Al riguardo occorre considerare che la durata di ogni singola autorizzazione costituisce una delle condizioni fondamentali del provvedimento autorizzativo, alla scadenza del quale e' diritto-dovere dell'amministrazione titolare del relativo potere verificare sia l'eventuale mutamento delle condizioni territoriali ed ambientali sia gli aggiornamenti intervenuti nel quadro normativo di riferimento prima di assumere una qualsiasi decisione liberatoria, sia pure in termini prescrittivi, o, in alternativa, interdittiva.
E', inoltre, innegabile che il limite temporale dell'autorizzazione attiene al nucleo sostanziale di essa, determinando il momento oltre il quale l'intervento autorizzato perde ogni ragione giuridica di esistenza. Ne consegue che modificare, ovvero prorogare il termine di un'autorizzazione, o comunque rinnovarla definendone un nuovo termine, significa modificare la «sostanza» dell'autorizzazione medesima: e' proprio per questo che, in tali casi, alla stregua della direttiva 85/337/CEE, c.d. VIA, secondo l'interpretazione offertane dalla giurisprudenza della Corte di Giustizia dell'Unione europea, e' necessaria una vera e propria nuova autorizzazione, che postula il preventivo espletamento delle procedure in materia di VIA stabilite dalla direttiva medesima (Corte di Giustizia, Quinta sezione, causa C-201/02, sentenza 7 gennaio 2004
- c.d. Delena-Wells - punti 44-47).
Alla luce di siffatte considerazioni, e' dunque evidente che la procedura di proroga prevista dalle norme provinciali in parola costituisce un'evidente modifica delle previgenti autorizzazioni che non puo' essere legittimamente sottratta alle imprescindibili
procedure in materia di VIA (a seconda dei casi VIA propriamente detta o, rispettivamente, verifica di assoggettabilita' a VIA) stabilite dalla direttiva VIA, allegato I, punto 22, ed allegato II, punto 13, primo trattino.
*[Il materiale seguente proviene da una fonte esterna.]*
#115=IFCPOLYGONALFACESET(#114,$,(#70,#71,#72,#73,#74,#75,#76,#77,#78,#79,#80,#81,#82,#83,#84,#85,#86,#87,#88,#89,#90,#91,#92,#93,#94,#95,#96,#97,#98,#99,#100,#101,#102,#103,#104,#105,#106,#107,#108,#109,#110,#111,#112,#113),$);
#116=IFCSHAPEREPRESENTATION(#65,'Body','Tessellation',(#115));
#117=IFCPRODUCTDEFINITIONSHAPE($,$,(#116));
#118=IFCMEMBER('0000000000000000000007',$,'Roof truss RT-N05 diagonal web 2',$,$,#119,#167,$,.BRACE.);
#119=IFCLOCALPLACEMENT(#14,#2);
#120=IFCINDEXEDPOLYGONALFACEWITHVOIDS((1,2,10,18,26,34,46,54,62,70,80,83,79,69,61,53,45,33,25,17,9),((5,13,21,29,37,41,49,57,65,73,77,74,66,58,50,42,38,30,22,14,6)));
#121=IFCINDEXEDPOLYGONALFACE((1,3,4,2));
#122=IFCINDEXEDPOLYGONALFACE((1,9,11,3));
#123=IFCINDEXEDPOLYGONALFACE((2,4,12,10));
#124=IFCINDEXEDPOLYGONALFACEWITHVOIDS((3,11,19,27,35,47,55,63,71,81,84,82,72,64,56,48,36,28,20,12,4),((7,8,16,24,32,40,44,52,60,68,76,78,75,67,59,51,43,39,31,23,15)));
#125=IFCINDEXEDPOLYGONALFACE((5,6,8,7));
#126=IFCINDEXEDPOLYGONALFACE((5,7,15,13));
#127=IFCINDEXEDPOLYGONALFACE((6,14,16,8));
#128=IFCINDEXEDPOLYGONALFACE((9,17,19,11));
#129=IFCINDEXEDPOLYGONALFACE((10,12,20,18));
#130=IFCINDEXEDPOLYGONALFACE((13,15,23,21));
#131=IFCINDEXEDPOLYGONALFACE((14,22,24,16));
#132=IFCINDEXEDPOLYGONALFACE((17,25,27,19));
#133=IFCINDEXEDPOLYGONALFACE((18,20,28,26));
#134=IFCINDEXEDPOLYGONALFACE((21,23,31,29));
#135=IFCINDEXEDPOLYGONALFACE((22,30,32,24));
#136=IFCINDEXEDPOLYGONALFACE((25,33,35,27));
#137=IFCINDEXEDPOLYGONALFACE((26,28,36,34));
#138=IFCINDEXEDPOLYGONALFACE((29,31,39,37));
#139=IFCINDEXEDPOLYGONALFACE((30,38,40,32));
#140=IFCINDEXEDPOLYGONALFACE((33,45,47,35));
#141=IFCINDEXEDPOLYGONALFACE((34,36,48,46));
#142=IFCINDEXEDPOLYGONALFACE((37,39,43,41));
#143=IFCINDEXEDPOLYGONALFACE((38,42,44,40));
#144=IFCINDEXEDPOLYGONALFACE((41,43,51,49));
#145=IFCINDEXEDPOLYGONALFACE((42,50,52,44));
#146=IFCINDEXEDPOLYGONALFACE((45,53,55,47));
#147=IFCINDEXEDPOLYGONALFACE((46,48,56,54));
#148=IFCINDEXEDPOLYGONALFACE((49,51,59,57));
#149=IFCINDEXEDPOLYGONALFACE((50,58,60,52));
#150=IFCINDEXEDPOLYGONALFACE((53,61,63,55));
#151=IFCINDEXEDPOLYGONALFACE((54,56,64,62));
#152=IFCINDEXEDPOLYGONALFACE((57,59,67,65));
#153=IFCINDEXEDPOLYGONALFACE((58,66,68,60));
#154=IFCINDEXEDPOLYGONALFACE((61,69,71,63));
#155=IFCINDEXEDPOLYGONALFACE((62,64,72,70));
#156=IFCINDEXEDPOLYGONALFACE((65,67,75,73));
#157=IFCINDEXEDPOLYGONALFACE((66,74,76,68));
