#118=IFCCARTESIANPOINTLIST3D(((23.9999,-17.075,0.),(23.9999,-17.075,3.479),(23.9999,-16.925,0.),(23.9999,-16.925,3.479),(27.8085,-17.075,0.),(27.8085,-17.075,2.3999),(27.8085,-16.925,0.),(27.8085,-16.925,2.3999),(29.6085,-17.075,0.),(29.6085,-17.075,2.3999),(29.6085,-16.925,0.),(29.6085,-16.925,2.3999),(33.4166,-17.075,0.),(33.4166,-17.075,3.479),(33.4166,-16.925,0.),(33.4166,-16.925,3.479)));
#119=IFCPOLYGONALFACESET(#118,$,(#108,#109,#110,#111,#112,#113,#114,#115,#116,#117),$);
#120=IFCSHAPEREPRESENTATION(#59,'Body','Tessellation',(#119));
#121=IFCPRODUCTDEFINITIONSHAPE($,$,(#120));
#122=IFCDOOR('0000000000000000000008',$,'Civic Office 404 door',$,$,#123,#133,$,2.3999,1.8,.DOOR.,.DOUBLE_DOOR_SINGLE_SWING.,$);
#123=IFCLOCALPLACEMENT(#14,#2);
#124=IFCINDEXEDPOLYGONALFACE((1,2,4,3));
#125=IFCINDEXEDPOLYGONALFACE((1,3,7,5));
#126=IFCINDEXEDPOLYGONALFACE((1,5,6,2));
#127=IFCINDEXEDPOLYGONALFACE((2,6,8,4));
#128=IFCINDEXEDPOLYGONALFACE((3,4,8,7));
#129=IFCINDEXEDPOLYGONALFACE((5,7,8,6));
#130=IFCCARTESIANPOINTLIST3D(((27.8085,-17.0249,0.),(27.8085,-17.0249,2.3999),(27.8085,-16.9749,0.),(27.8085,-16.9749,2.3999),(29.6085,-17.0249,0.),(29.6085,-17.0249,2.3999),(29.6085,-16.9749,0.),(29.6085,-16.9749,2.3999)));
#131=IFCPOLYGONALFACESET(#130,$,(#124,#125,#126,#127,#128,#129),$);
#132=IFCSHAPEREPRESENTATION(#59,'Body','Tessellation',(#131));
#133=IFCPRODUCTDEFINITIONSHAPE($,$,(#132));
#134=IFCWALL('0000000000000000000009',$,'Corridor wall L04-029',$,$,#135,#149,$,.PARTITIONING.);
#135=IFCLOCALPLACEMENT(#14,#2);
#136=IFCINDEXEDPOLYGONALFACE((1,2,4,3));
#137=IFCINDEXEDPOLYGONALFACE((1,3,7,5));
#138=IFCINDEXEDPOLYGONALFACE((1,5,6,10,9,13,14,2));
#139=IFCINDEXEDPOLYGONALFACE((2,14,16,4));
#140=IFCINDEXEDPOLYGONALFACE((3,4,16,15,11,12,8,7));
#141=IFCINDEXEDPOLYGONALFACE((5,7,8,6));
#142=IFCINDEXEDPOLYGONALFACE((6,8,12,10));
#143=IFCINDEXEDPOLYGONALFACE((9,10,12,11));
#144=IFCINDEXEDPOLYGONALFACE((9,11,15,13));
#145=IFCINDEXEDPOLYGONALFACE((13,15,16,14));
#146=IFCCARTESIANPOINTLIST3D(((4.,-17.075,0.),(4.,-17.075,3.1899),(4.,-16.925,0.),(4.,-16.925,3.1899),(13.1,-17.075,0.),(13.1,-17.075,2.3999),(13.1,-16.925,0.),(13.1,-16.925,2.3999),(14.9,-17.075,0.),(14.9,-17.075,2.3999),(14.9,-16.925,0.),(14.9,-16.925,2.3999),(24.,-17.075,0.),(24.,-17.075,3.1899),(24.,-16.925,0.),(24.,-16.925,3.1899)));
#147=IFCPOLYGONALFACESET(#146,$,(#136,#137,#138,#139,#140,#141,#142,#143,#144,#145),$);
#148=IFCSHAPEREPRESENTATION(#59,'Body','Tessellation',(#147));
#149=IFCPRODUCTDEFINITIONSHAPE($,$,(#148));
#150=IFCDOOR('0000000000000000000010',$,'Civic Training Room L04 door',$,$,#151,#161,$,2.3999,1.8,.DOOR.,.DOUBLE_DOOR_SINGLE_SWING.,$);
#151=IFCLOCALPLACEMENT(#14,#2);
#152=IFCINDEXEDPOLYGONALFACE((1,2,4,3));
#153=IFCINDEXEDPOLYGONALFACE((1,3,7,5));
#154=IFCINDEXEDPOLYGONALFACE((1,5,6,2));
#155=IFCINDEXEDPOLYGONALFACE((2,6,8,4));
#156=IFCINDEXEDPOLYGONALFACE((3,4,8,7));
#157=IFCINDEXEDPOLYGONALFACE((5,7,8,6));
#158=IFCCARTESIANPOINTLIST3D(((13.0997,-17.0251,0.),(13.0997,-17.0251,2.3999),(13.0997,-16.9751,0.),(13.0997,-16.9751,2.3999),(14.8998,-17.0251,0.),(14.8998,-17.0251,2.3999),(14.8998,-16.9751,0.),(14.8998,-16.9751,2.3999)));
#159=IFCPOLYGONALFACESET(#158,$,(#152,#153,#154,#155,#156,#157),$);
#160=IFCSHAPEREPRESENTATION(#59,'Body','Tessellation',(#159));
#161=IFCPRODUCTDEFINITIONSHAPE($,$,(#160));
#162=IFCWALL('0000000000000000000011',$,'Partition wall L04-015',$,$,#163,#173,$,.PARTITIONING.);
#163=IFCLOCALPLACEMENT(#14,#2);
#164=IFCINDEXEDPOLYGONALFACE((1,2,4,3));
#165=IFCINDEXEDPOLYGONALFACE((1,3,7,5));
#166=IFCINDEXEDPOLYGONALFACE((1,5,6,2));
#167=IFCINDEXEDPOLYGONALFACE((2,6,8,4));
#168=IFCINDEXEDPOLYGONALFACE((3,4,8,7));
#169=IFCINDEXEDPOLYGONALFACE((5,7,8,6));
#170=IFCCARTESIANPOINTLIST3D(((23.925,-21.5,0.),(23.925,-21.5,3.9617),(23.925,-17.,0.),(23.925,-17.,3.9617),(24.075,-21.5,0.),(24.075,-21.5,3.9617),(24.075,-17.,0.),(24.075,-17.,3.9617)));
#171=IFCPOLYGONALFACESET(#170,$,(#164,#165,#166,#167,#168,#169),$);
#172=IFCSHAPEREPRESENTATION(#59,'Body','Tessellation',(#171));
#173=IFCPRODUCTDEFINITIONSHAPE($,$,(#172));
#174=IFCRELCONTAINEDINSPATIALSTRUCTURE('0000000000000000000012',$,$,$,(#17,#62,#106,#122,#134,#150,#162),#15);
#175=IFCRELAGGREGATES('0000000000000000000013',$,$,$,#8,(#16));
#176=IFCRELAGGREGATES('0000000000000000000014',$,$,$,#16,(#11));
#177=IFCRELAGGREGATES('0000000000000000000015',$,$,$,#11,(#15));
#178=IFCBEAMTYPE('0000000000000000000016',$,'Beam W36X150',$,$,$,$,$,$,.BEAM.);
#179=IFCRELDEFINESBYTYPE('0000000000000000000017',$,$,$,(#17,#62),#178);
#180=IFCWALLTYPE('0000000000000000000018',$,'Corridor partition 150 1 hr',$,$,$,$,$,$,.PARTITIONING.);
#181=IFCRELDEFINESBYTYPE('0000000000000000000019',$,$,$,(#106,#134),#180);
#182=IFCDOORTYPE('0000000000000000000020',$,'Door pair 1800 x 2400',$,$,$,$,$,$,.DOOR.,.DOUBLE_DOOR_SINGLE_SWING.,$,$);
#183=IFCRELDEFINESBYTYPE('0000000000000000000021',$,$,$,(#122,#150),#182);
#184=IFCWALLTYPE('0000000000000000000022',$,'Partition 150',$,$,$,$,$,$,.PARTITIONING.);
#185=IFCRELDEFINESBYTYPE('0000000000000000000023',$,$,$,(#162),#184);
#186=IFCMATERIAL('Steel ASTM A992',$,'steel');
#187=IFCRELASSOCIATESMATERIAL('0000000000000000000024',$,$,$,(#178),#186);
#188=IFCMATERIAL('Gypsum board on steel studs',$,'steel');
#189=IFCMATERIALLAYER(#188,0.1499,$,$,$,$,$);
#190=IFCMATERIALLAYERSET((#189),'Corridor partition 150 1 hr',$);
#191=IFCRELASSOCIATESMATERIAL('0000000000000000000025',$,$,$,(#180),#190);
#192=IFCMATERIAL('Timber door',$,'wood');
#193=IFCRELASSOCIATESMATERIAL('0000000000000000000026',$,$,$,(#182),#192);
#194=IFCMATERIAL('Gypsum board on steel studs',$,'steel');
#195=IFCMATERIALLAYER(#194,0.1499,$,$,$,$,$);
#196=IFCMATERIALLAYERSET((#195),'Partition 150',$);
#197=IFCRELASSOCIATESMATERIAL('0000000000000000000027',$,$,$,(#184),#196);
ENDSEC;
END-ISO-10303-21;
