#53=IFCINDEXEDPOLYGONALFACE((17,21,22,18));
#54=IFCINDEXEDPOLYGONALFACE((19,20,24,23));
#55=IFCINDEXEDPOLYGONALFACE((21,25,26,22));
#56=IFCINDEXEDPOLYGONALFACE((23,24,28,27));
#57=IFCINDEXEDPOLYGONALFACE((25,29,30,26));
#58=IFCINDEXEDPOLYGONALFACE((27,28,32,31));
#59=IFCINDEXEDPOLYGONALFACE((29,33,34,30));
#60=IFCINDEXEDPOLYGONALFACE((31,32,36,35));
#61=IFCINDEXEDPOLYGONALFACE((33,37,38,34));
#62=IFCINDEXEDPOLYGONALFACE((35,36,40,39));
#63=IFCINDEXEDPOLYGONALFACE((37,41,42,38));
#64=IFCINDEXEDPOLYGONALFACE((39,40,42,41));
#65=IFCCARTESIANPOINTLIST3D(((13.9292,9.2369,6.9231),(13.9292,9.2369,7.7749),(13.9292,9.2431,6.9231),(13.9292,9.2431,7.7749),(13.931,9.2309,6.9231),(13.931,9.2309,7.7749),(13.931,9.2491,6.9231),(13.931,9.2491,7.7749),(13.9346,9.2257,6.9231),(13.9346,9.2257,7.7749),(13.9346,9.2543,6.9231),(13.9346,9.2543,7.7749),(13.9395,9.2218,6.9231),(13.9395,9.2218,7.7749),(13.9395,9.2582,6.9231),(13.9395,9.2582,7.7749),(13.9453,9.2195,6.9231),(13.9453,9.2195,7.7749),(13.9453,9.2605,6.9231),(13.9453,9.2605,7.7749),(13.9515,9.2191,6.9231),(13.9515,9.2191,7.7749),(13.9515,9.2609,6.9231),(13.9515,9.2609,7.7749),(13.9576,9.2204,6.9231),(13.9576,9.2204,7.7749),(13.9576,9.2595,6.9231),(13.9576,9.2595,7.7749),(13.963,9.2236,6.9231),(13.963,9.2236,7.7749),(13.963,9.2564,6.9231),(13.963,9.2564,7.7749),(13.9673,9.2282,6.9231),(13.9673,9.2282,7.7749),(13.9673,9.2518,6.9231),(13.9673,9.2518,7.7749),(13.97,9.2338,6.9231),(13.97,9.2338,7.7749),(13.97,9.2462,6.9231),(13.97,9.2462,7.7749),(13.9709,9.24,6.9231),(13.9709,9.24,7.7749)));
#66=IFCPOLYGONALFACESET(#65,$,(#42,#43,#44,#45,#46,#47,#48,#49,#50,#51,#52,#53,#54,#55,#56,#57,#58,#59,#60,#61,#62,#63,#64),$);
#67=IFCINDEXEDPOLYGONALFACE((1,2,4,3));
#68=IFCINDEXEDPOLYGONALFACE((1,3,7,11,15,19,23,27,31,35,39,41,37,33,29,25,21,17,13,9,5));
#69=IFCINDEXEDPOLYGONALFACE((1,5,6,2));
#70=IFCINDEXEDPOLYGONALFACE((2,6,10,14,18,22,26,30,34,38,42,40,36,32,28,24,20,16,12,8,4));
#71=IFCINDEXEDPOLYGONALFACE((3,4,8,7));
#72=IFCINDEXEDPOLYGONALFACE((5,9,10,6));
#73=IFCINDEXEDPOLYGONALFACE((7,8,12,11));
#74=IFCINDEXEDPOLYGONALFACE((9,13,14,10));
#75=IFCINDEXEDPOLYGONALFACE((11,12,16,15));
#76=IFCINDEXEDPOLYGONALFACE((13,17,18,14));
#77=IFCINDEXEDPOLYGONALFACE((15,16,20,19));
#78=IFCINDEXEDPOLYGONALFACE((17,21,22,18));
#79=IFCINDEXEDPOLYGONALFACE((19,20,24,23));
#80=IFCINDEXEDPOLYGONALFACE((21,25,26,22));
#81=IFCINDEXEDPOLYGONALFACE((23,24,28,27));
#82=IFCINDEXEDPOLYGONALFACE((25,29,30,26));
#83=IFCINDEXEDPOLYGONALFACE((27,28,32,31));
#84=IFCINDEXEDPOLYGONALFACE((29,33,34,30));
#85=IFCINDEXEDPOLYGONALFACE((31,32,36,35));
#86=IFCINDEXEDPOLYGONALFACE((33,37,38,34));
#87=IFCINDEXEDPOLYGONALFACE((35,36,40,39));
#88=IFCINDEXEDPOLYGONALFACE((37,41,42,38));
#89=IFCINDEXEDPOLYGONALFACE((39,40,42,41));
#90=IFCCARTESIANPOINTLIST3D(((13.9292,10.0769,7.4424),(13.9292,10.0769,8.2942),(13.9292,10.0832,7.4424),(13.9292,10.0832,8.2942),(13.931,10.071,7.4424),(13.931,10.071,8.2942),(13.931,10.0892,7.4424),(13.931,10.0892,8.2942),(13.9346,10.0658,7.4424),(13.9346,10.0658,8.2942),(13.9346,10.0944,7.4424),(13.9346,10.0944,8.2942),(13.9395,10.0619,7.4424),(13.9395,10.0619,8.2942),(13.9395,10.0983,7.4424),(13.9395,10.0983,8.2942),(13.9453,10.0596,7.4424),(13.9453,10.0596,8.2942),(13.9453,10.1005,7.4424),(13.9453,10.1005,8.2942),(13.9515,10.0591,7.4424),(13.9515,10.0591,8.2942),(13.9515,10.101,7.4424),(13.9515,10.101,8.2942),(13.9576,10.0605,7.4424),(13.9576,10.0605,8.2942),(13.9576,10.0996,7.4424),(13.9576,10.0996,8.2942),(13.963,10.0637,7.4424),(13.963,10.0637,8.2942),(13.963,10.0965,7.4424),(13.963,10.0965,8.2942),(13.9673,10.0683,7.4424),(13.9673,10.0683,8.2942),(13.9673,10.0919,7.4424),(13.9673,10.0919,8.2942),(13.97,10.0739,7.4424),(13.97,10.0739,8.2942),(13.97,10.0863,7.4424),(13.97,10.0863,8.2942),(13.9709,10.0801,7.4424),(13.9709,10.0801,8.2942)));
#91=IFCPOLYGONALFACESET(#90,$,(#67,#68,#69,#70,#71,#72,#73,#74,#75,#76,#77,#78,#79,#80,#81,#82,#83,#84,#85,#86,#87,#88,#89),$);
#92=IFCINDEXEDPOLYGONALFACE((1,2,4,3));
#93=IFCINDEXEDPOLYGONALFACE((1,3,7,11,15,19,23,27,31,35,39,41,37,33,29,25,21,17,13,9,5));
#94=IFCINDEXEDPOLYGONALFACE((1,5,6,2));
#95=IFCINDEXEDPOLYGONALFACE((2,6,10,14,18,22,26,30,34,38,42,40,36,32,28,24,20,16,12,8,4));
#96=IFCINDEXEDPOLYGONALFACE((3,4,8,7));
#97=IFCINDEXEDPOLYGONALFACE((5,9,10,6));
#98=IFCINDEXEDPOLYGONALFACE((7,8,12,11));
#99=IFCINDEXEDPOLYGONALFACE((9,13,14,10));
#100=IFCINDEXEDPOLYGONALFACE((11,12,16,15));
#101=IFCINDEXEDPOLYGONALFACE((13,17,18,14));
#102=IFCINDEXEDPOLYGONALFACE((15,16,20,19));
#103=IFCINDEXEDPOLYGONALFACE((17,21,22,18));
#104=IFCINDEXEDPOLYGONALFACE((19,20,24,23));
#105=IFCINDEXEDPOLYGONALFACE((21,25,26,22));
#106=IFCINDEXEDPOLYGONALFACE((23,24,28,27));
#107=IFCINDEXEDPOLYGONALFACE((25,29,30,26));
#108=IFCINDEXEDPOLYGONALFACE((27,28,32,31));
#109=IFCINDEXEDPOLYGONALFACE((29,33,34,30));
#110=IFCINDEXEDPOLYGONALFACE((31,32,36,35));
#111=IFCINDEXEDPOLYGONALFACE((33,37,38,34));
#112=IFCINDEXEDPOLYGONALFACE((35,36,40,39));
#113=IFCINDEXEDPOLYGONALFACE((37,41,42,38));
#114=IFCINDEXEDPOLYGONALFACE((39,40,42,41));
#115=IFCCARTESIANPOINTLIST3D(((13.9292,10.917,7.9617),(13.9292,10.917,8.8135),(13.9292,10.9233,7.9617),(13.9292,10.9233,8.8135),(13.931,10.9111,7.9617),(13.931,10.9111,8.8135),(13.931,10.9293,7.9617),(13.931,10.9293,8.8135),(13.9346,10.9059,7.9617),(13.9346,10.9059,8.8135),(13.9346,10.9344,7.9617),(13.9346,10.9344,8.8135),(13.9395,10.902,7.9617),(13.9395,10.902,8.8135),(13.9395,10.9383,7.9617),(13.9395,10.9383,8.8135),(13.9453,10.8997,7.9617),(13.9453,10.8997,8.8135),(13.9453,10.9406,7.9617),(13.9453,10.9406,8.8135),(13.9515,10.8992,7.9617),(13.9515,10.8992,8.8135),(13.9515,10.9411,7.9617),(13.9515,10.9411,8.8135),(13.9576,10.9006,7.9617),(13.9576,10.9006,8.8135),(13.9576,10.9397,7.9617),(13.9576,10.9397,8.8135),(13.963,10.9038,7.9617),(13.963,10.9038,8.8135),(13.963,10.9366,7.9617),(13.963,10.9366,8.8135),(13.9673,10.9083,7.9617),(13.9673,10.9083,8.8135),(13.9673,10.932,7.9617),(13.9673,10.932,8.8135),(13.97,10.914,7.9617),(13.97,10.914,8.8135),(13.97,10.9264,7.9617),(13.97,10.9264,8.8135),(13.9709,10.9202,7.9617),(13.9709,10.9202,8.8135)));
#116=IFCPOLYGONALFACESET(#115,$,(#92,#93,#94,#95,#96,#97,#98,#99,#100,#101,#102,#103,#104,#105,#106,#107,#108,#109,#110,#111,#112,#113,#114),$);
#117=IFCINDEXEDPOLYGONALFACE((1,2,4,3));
In altri termini, quella verifica ovvero quella valutazione dell'impatto ambientale non effettuata in sede di prima autorizzazione deve obbligatoriamente precedere il rinnovo della prima autorizzazione successiva all'entrata in vigore della normativa di VIA.
In tal senso si e', peraltro, gia' espressa codesta ecc.ma Corte Costituzionale con le sentenze nn. 1/2010 e n. 67/2010, in riferimento ad analoghe norme adottate dalla Regione Campania.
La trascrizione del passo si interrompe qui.